Regulators such as the CSSF, BaFin, and ESMA are converging on a common goal: to ensure that valuation practices across Europe adhere to a consistent standard of independence, documentation, and methodological rigor.
This means that AIFMs and management companies must be able to demonstrate traceability from every valuation model back to the underlying data sources. Every assumption, parameter, and adjustment must be explainable and auditable – at any time.
In this new environment, valuation has evolved from a technical discipline to a core governance function.
Internal vs. External Valuation – A Strategic Choice
For many AIFMs, one key question defines their operating model: should valuation be managed internally, or delegated to a specialised external partner?
Internal valuation offers control and flexibility but requires significant resources – including infrastructure, expert staff, and constant regulatory alignment. Maintaining multiple data sources, validation layers, and audit documentation can become a heavy operational and compliance burden.
External valuation, in contrast, brings independence, scalability, and efficiency. By leveraging established infrastructures, standardized models, and experienced professionals, managers can focus internal capacity on oversight and strategic priorities.
Outsourcing also provides a safeguard against key-person dependencies, while ensuring that models remain compliant with evolving standards and local supervisory expectations.
The Technological Transformation
Technology has become a cornerstone of modern valuation. The integration of automation, data science, and artificial intelligence (AI) is reshaping how data is processed and analysed.
At Value & Risk, AI and natural language processing (NLP) are already being used to support data extraction, document parsing, and anomaly detection – tasks that previously required intensive manual input. These tools don’t replace human expertise; rather, they amplify it, freeing valuation professionals from repetitive tasks and allowing them to focus on what truly matters: professional judgment and model accuracy.
As the market evolves, AI-assisted transparency will redefine the valuation process. Real-time data validation, dynamic scenario testing, and automated stress analysis are no longer distant possibilities, they are becoming industry standards.
The result is not just faster valuation but smarter valuation, where every figure is underpinned by traceable data and verifiable logic.
The Luxembourg Perspective
Luxembourg, as one of Europe’s leading financial centres, plays a unique role in this evolution. With its high regulatory standards, international client base, and strong focus on alternative investments, the country is at the forefront of shaping modern valuation practices.
Luxembourg’s AIFMs face complex portfolios that often combine cross-border structures and multi-asset strategies. In this environment, the ability to deliver transparent, independent, and regulator-ready valuations is essential – not only to meet compliance standards but to preserve investor confidence.
This is precisely why Value & Risk expanded its presence to Luxembourg in 2024. Our goal was to be closer to our clients – AIFMs, management companies and custodians – and to provide local expertise supported by industrial-grade infrastructure.

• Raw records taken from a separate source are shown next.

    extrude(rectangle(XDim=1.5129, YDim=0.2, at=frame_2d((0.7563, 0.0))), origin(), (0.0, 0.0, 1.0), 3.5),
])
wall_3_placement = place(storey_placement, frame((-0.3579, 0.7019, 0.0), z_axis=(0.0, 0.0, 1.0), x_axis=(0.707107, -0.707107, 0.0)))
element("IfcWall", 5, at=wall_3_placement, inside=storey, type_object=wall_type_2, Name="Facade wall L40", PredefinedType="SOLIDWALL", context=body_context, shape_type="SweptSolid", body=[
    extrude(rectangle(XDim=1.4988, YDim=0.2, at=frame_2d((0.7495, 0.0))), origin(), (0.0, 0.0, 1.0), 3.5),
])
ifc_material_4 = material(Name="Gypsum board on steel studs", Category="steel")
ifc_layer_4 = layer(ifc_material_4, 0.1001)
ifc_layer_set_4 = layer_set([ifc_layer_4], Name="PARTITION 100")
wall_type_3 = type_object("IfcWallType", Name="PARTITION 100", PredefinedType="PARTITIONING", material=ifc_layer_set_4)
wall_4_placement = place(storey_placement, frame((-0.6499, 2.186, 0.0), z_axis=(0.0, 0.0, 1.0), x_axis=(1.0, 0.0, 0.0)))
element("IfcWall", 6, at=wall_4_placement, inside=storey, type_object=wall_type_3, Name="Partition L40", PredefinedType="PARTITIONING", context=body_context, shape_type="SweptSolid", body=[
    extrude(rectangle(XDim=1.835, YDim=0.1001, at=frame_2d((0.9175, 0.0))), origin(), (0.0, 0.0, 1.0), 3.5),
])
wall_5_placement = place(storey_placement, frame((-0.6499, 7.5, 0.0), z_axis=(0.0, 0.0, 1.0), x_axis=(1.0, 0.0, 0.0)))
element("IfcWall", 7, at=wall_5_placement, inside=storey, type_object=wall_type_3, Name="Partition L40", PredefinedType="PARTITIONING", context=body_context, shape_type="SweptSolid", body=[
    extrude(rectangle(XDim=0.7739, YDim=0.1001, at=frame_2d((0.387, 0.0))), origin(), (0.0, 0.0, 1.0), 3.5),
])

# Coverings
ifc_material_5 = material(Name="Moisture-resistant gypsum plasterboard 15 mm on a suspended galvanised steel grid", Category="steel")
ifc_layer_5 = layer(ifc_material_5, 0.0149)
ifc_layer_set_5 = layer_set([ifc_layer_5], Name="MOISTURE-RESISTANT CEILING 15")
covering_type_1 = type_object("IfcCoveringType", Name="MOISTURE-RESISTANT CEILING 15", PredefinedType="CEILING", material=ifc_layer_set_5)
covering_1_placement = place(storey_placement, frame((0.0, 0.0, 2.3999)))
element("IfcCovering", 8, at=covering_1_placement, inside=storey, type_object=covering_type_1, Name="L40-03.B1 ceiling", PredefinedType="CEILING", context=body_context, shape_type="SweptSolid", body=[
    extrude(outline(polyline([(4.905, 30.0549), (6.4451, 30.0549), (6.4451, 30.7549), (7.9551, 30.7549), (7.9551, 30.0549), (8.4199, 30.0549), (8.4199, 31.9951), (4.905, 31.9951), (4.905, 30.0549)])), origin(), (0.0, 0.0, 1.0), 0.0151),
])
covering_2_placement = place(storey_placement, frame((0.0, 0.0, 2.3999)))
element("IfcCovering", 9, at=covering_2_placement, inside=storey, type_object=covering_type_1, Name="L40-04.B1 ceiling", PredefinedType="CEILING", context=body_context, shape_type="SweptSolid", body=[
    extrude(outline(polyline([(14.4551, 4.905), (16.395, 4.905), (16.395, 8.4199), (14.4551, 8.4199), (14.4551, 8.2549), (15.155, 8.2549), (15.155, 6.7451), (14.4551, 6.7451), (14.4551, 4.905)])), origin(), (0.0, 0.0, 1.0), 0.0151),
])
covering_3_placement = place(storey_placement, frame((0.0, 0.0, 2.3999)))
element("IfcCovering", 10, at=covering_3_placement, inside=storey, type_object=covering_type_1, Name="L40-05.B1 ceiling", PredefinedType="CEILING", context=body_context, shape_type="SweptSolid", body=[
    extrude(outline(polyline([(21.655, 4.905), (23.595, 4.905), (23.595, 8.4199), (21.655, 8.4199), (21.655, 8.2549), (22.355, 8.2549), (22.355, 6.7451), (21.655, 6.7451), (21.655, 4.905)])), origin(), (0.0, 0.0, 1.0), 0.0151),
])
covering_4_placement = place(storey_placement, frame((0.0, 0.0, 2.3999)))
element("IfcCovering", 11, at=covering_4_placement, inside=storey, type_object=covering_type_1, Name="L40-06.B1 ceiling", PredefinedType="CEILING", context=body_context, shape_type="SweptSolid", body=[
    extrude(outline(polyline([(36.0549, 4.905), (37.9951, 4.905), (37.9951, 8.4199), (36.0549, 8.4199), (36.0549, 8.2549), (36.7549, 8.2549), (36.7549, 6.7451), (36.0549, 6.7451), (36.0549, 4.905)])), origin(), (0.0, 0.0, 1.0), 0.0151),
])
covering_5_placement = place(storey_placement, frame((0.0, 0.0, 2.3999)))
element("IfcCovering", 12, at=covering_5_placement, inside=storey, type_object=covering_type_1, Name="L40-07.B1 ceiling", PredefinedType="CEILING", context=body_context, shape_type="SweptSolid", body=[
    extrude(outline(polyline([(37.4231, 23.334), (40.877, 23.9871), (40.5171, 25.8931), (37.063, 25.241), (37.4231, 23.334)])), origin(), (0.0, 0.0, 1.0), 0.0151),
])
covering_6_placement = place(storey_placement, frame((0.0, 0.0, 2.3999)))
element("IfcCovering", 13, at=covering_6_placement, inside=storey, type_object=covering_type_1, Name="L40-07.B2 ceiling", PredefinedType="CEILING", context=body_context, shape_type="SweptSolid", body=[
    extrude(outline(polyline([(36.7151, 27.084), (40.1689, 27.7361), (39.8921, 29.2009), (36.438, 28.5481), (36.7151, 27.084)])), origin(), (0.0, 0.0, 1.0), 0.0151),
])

Looking Ahead – From Compliance to Confidence
The coming years will redefine the role of valuation across the European fund industry. As AIFMD II takes effect and DORA introduces new standards for operational resilience, the emphasis will increasingly shift from compliance to confidence.
The firms that will lead this new era are those capable of combining human expertise with robust technology and uncompromising transparency.
For Value & Risk, this means continuing our mission: delivering valuations that are accurate, independent, and regulator-proof, while helping clients navigate an ever more complex investment landscape.
In a world where “what used to be enough no longer suffices,” the future belongs to those who embrace transparency as both a duty and a competitive advantage.